Ob der Gesetzgeber beim Zusammentreffen zweier oder mehrerer versicherungspflichtiger Beschäftigungen eine Mehrfachversicherung vorsieht - wie hier - oder ob er nach dem Grundsatz der Subsidiarität bei Bestehen einer Pflichtversicherung in einem anderen Versicherungszweig die Ausnahme von der Pflichtversicherung normiert, liegt in seinem Ermessen (vgl. dazu das hg. Erkenntnis vom 30. März 1993, Zl. 91/08/0174; zur verfassungsrechtlichen Unbedenklichkeit der Mehrfachversicherung vgl. das Erkenntnis vom 24. März 1992, Zl. 91/08/0155, mit Hinweisen auf die Rechtsprechung des Verfassungsgerichtshofes). Es ist auch nicht unsachlich, wenn der Gesetzgeber dabei an die Verschiedenheit der beruflichen Tätigkeiten anknüpft. Schon die Verschiedenheit der Standsvertretungen der Tierärzte und der Humanärzte widerlegt die Beschwerdebehauptung, diese beiden Berufsgruppen seien - in einem unter dem Gesichtspunkt des Gleichheitssatzes relevanten Sinne - "gleichartig".

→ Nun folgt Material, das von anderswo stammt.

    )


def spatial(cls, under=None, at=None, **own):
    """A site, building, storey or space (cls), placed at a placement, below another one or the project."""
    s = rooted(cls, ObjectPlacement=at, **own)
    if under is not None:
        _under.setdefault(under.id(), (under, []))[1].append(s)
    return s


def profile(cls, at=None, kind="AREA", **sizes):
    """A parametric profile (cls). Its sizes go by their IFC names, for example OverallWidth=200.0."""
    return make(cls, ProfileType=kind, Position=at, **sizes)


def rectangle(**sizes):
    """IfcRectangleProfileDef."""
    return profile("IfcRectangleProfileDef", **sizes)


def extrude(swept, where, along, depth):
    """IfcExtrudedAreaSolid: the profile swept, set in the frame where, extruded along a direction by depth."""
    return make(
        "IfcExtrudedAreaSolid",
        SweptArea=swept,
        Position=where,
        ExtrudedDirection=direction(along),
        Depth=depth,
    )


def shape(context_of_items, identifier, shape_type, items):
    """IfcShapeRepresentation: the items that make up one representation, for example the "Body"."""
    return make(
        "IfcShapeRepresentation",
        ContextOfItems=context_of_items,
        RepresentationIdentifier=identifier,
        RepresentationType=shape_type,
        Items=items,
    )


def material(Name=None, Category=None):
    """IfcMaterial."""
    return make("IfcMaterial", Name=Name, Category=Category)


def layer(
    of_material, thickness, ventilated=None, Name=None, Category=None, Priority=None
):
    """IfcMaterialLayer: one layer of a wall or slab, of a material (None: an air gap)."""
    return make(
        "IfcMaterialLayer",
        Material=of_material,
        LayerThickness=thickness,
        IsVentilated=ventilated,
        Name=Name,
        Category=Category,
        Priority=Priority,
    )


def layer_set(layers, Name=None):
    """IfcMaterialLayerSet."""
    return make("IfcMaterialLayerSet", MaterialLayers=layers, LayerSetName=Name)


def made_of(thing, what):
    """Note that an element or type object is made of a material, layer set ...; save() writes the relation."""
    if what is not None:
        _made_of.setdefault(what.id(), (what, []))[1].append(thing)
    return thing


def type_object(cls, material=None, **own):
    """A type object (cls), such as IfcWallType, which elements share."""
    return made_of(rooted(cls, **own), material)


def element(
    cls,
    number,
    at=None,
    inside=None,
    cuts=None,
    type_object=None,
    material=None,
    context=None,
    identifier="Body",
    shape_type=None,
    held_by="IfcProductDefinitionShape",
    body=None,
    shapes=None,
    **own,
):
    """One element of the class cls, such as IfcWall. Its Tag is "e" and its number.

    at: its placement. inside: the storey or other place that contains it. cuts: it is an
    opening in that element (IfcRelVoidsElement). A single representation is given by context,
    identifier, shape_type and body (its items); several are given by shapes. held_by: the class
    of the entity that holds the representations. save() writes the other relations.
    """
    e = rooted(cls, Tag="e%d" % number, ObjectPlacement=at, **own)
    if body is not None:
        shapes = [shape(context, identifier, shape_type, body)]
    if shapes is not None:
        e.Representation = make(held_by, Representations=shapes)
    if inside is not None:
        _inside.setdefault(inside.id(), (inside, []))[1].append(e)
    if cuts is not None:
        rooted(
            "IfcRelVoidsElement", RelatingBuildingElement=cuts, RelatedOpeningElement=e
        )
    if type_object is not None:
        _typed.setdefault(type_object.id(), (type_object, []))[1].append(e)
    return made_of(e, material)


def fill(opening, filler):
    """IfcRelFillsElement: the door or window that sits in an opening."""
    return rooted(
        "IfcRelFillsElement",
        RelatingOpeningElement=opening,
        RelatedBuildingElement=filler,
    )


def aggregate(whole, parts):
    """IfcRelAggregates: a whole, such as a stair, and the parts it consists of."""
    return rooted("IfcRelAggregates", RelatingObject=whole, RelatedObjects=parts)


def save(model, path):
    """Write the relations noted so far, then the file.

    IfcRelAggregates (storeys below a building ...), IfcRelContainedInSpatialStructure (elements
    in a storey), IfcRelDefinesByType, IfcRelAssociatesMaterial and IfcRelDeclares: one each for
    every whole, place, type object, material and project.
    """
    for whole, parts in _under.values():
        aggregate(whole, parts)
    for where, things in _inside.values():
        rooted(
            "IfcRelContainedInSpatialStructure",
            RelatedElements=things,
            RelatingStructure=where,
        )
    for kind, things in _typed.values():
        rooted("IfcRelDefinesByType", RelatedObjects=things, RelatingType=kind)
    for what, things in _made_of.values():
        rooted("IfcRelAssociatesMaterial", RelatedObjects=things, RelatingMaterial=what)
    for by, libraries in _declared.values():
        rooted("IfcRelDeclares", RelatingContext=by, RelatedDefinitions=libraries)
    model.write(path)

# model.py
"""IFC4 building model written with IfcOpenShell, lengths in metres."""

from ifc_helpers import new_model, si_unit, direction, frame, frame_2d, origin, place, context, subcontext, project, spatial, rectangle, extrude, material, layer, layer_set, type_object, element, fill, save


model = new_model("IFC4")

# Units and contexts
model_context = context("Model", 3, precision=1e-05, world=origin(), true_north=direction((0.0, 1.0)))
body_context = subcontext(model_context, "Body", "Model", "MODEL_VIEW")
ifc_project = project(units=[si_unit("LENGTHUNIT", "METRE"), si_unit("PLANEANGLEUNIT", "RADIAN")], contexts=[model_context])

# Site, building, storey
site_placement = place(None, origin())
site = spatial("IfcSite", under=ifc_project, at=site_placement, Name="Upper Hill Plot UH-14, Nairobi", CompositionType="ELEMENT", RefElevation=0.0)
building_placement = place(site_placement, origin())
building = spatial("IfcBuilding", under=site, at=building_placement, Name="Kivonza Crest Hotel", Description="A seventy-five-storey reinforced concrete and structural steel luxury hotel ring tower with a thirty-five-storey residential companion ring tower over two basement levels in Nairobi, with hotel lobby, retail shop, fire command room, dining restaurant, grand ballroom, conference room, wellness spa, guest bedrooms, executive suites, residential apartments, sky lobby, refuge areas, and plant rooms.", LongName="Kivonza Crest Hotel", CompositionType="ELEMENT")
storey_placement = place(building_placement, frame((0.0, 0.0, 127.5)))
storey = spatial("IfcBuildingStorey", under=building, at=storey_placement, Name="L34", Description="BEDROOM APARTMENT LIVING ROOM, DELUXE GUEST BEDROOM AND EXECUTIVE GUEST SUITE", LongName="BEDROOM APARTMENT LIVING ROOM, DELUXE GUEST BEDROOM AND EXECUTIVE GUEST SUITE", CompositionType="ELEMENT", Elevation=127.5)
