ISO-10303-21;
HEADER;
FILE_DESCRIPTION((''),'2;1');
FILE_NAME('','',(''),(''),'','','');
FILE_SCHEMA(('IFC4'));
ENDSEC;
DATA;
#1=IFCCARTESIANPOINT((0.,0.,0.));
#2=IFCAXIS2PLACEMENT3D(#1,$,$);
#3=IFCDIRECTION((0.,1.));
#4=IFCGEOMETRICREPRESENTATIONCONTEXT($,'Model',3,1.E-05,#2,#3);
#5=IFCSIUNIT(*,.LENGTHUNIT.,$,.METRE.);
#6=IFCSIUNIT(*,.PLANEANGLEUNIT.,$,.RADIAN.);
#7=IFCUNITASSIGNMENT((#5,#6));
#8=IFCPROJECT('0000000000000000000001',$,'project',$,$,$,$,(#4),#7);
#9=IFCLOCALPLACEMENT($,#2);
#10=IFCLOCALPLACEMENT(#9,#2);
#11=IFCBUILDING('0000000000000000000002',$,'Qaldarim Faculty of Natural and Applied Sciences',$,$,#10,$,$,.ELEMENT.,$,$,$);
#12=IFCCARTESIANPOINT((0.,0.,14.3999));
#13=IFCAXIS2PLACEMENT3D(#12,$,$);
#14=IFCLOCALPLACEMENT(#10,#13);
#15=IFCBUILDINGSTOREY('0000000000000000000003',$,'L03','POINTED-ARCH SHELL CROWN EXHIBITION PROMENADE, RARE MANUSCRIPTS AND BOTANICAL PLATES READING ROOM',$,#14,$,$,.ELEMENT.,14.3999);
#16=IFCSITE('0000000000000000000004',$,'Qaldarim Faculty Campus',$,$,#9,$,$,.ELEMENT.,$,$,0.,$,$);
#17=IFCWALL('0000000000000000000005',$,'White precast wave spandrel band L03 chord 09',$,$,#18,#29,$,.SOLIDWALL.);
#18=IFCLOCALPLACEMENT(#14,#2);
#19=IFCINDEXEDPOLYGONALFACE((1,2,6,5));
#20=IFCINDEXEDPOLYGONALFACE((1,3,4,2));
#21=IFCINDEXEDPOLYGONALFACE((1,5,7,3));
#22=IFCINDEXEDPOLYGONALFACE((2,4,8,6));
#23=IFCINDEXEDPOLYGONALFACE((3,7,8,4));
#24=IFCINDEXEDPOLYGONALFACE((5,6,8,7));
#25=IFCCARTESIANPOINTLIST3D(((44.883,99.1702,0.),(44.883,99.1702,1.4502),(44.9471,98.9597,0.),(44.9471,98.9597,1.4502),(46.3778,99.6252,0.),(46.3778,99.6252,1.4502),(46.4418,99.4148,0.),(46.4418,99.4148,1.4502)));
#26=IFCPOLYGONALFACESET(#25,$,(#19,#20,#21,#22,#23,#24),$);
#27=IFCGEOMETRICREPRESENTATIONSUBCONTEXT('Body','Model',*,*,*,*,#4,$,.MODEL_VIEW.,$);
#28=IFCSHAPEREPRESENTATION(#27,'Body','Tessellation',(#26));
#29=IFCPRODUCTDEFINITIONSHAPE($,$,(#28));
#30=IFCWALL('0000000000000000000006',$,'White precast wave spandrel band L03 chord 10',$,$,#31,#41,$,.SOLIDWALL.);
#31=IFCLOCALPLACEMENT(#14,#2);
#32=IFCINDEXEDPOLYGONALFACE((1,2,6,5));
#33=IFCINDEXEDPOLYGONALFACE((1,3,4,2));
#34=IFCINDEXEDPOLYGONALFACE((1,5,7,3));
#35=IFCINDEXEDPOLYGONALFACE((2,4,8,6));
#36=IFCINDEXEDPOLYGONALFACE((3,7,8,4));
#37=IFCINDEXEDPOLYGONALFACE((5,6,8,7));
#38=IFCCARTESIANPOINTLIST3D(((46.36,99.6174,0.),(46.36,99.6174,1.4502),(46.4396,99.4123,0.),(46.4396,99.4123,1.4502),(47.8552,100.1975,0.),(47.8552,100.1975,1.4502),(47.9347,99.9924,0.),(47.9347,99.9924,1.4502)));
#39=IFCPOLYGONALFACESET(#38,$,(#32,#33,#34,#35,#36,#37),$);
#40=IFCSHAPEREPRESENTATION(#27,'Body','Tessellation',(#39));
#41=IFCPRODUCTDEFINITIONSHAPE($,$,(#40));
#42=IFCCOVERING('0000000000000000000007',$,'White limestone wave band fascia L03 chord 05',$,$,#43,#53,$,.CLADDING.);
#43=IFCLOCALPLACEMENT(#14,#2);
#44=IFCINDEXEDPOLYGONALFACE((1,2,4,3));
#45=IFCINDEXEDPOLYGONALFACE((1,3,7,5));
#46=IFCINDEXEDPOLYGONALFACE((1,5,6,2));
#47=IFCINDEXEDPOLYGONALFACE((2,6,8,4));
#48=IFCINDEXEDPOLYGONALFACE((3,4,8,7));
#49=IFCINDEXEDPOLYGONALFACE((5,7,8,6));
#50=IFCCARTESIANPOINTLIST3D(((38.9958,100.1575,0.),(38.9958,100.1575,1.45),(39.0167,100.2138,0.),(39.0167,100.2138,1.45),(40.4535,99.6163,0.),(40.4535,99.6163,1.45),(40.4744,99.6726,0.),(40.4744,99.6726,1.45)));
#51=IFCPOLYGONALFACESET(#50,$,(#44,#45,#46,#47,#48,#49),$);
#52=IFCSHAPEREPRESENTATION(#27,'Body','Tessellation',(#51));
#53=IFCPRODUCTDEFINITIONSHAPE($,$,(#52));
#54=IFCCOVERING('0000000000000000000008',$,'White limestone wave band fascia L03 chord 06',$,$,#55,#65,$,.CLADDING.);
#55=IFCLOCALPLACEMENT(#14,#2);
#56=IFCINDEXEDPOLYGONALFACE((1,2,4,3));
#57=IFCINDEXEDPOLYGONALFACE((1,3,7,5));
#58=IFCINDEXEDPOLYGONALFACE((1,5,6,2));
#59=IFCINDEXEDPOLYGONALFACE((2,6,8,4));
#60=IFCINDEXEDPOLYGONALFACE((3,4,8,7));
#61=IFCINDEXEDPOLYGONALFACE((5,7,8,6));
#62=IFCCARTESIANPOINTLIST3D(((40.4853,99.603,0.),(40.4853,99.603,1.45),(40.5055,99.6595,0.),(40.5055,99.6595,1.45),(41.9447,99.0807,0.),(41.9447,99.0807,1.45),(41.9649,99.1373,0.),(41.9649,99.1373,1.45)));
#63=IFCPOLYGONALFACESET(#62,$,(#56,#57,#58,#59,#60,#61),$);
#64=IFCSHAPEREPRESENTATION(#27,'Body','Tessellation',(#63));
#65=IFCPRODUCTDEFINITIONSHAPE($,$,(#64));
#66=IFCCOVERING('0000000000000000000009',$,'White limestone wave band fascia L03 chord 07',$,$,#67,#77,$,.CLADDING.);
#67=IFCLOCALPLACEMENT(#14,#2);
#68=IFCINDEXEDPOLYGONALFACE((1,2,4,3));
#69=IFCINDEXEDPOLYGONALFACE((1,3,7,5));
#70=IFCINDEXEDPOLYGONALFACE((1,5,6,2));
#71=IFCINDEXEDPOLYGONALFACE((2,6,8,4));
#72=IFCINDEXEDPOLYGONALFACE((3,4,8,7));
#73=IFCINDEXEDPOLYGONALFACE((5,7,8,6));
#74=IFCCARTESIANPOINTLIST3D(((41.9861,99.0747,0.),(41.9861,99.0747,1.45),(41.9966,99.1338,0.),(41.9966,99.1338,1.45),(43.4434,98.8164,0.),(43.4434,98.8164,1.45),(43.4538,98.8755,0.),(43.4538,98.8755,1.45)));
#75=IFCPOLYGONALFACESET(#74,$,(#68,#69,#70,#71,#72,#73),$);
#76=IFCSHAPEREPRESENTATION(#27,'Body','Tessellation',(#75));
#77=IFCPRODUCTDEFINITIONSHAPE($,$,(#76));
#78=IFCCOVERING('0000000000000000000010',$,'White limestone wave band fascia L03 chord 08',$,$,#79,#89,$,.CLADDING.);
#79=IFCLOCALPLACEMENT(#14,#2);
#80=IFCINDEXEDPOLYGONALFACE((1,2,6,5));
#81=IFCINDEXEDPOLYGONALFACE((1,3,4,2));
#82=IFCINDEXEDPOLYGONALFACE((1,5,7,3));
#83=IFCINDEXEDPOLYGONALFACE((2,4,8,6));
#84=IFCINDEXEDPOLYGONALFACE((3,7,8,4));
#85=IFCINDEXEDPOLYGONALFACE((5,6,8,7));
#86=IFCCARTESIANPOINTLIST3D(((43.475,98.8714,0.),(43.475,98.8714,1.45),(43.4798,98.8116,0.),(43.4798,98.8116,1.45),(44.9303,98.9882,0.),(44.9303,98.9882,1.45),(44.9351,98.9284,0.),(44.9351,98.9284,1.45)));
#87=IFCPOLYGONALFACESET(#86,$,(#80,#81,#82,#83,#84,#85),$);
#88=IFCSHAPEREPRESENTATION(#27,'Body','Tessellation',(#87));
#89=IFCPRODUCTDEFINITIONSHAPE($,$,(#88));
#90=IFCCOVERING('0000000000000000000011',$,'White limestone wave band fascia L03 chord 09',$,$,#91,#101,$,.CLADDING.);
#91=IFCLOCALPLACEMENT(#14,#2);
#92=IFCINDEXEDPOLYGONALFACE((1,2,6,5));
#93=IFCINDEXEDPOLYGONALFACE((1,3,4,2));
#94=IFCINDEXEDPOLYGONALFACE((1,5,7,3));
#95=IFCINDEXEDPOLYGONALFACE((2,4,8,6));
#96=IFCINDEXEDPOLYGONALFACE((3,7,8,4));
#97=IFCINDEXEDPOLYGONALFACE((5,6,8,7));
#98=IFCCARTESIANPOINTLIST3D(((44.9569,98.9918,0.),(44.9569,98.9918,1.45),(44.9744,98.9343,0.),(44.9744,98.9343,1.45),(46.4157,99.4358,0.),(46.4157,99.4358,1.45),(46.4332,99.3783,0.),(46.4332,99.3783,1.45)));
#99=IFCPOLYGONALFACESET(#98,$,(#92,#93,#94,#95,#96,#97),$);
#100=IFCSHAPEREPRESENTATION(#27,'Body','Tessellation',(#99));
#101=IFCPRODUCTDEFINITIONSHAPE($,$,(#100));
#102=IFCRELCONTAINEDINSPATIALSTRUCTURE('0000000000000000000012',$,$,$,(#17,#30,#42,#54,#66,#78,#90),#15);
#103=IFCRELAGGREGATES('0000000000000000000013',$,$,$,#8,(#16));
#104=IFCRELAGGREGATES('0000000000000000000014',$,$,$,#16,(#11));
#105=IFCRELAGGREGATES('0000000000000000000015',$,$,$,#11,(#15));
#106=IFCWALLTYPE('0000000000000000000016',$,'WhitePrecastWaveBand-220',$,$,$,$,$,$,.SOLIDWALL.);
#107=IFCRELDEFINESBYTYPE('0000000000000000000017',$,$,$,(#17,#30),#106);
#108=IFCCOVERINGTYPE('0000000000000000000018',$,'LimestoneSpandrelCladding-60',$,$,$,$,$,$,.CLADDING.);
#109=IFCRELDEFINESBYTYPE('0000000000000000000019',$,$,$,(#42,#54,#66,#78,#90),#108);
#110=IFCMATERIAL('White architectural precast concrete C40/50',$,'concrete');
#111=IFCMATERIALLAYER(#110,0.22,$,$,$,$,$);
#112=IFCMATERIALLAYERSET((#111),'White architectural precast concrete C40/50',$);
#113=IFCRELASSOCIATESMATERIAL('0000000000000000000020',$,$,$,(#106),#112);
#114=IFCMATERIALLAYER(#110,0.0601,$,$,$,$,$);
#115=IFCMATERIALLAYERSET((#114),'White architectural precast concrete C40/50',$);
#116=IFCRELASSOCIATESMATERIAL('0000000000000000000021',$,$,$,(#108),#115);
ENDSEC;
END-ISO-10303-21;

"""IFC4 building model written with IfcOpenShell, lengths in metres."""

from ifc_helpers import new_model, si_unit, direction, frame, frame_2d, origin, origin_2d, place, context, subcontext, project, spatial, rectangle, extrude, material, layer, layer_set, type_object, element, save


model = new_model("IFC4")

# Units and contexts
model_context = context("Model", 3, precision=1e-05, world=origin(), true_north=direction((0.0, 1.0)))
body_context = subcontext(model_context, "Body", "Model", "MODEL_VIEW")
ifc_project = project(units=[si_unit("LENGTHUNIT", "METRE"), si_unit("PLANEANGLEUNIT", "RADIAN")], contexts=[model_context])

# Site, building, storey
site_placement = place(None, origin())
site = spatial("IfcSite", under=ifc_project, at=site_placement, Name="Qaldarim Faculty Campus", CompositionType="ELEMENT", RefElevation=0.0)
building_placement = place(site_placement, origin())
building = spatial("IfcBuilding", under=site, at=building_placement, Name="Qaldarim Faculty of Natural and Applied Sciences", CompositionType="ELEMENT")
storey_placement = place(building_placement, frame((0.0, 0.0, 14.3999)))
storey = spatial("IfcBuildingStorey", under=building, at=storey_placement, Name="L03", Description="POINTED-ARCH SHELL CROWN EXHIBITION PROMENADE, RARE MANUSCRIPTS AND BOTANICAL PLATES READING ROOM", CompositionType="ELEMENT", Elevation=14.3999)

# Walls
ifc_material_1 = material(Name="White architectural precast concrete C40/50", Category="concrete")
ifc_layer_1 = layer(ifc_material_1, 0.22)
ifc_layer_set_1 = layer_set([ifc_layer_1], Name="White architectural precast concrete C40/50")
wall_type = type_object("IfcWallType", Name="WhitePrecastWaveBand-220", PredefinedType="SOLIDWALL", material=ifc_layer_set_1)
wall_1_placement = place(storey_placement, frame((44.915, 99.0649, 0.0), z_axis=(0.0, 0.0, 1.0), x_axis=(0.956653, 0.29123, 0.0)))
element("IfcWall", 1, at=wall_1_placement, inside=storey, type_object=wall_type, Name="White precast wave spandrel band L03 chord 09", PredefinedType="SOLIDWALL", context=body_context, shape_type="SweptSolid", body=[
    extrude(rectangle(XDim=1.5625, YDim=0.22, at=frame_2d((0.7812, 0.0))), origin(), (0.0, 0.0, 1.0), 1.4502),
])
wall_2_placement = place(storey_placement, frame((46.3999, 99.5149, 0.0), z_axis=(0.0, 0.0, 1.0), x_axis=(0.93229, 0.361712, 0.0)))
element("IfcWall", 2, at=wall_2_placement, inside=storey, type_object=wall_type, Name="White precast wave spandrel band L03 chord 10", PredefinedType="SOLIDWALL", context=body_context, shape_type="SweptSolid", body=[
    extrude(rectangle(XDim=1.6038, YDim=0.22, at=frame_2d((0.8018, 0.0))), origin(), (0.0, 0.0, 1.0), 1.4502),
])

# Coverings
ifc_layer_2 = layer(ifc_material_1, 0.0601)
ifc_layer_set_2 = layer_set([ifc_layer_2], Name="White architectural precast concrete C40/50")
covering_type = type_object("IfcCoveringType", Name="LimestoneSpandrelCladding-60", PredefinedType="CLADDING", material=ifc_layer_set_2)
covering_1_placement = place(storey_placement, frame((39.7351, 99.915, 0.0), z_axis=(0.0, 0.0, 1.0), x_axis=(0.937483, -0.348032, 0.0)))
element("IfcCovering", 3, at=covering_1_placement, inside=storey, type_object=covering_type, Name="White limestone wave band fascia L03 chord 05", PredefinedType="CLADDING", context=body_context, shape_type="SweptSolid", body=[
    extrude(rectangle(XDim=1.5549, YDim=0.0601, at=origin_2d()), origin(), (0.0, 0.0, 1.0), 1.45),
])
covering_2_placement = place(storey_placement, frame((41.2251, 99.3701, 0.0), z_axis=(0.0, 0.0, 1.0), x_axis=(0.941529, -0.336931, 0.0)))
element("IfcCovering", 4, at=covering_2_placement, inside=storey, type_object=covering_type, Name="White limestone wave band fascia L03 chord 06", PredefinedType="CLADDING", context=body_context, shape_type="SweptSolid", body=[
    extrude(rectangle(XDim=1.55, YDim=0.0601, at=origin_2d()), origin(), (0.0, 0.0, 1.0), 1.45),
])
covering_3_placement = place(storey_placement, frame((42.72, 98.9751, 0.0), z_axis=(0.0, 0.0, 1.0), x_axis=(0.98465, -0.174542, 0.0)))
element("IfcCovering", 5, at=covering_3_placement, inside=storey, type_object=covering_type, Name="White limestone wave band fascia L03 chord 07", PredefinedType="CLADDING", context=body_context, shape_type="SweptSolid", body=[
    extrude(rectangle(XDim=1.48, YDim=0.0601, at=origin_2d()), origin(), (0.0, 0.0, 1.0), 1.45),
])
covering_4_placement = place(storey_placement, frame((44.2051, 98.8999, 0.0), z_axis=(0.0, 0.0, 1.0), x_axis=(0.996794, 0.080008, 0.0)))
element("IfcCovering", 6, at=covering_4_placement, inside=storey, type_object=covering_type, Name="White limestone wave band fascia L03 chord 08", PredefinedType="CLADDING", context=body_context, shape_type="SweptSolid", body=[
    extrude(rectangle(XDim=1.46, YDim=0.0601, at=origin_2d()), origin(), (0.0, 0.0, 1.0), 1.45),
])
covering_5_placement = place(storey_placement, frame((45.6951, 99.1851, 0.0), z_axis=(0.0, 0.0, 1.0), x_axis=(0.956671, 0.29117, 0.0)))
element("IfcCovering", 7, at=covering_5_placement, inside=storey, type_object=covering_type, Name="White limestone wave band fascia L03 chord 09", PredefinedType="CLADDING", context=body_context, shape_type="SweptSolid", body=[
    extrude(rectangle(XDim=1.5249, YDim=0.0601, at=origin_2d()), origin(), (0.0, 0.0, 1.0), 1.45),
])

save(model, "model.ifc")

Da eine Beschäftigung zu einer öffentlich-rechtlichen Körperschaft keinen Ausnahmegrund von der Pflichtversicherung in der Pensionsversicherung nach dem GSVG im Sinne des § 4 GSVG darstellt, führen beide versicherungspflichtige Erwerbstätigkeiten grundsätzlich zur Versicherungspflicht und damit Beitragspflicht im jeweiligen System, wobei es grundsätzlich keinen Unterschied macht, ob diese Tätigkeiten hauptberuflich oder nebenberuflich ausgeübt werden (vgl. dazu das hg. Erkenntnis vom 20. April 1993, Zl. 91/08/0115).

Da es dem Beschwerdeführer somit nicht gelungen ist, eine Verletzung seiner Rechte durch den angefochtenen Bescheid aufzuzeigen und verfassungsrechtliche Bedenken im Sinne der Beschwerdebehauptungen nicht entstanden sind, war die Beschwerde gemäß § 42 Abs. 1 VwGG als unbegründet abzuweisen.

Die Kostenentscheidung gründet sich auf die §§ 47 ff VwGG iVm der Verordnung BGBl. 104/1991.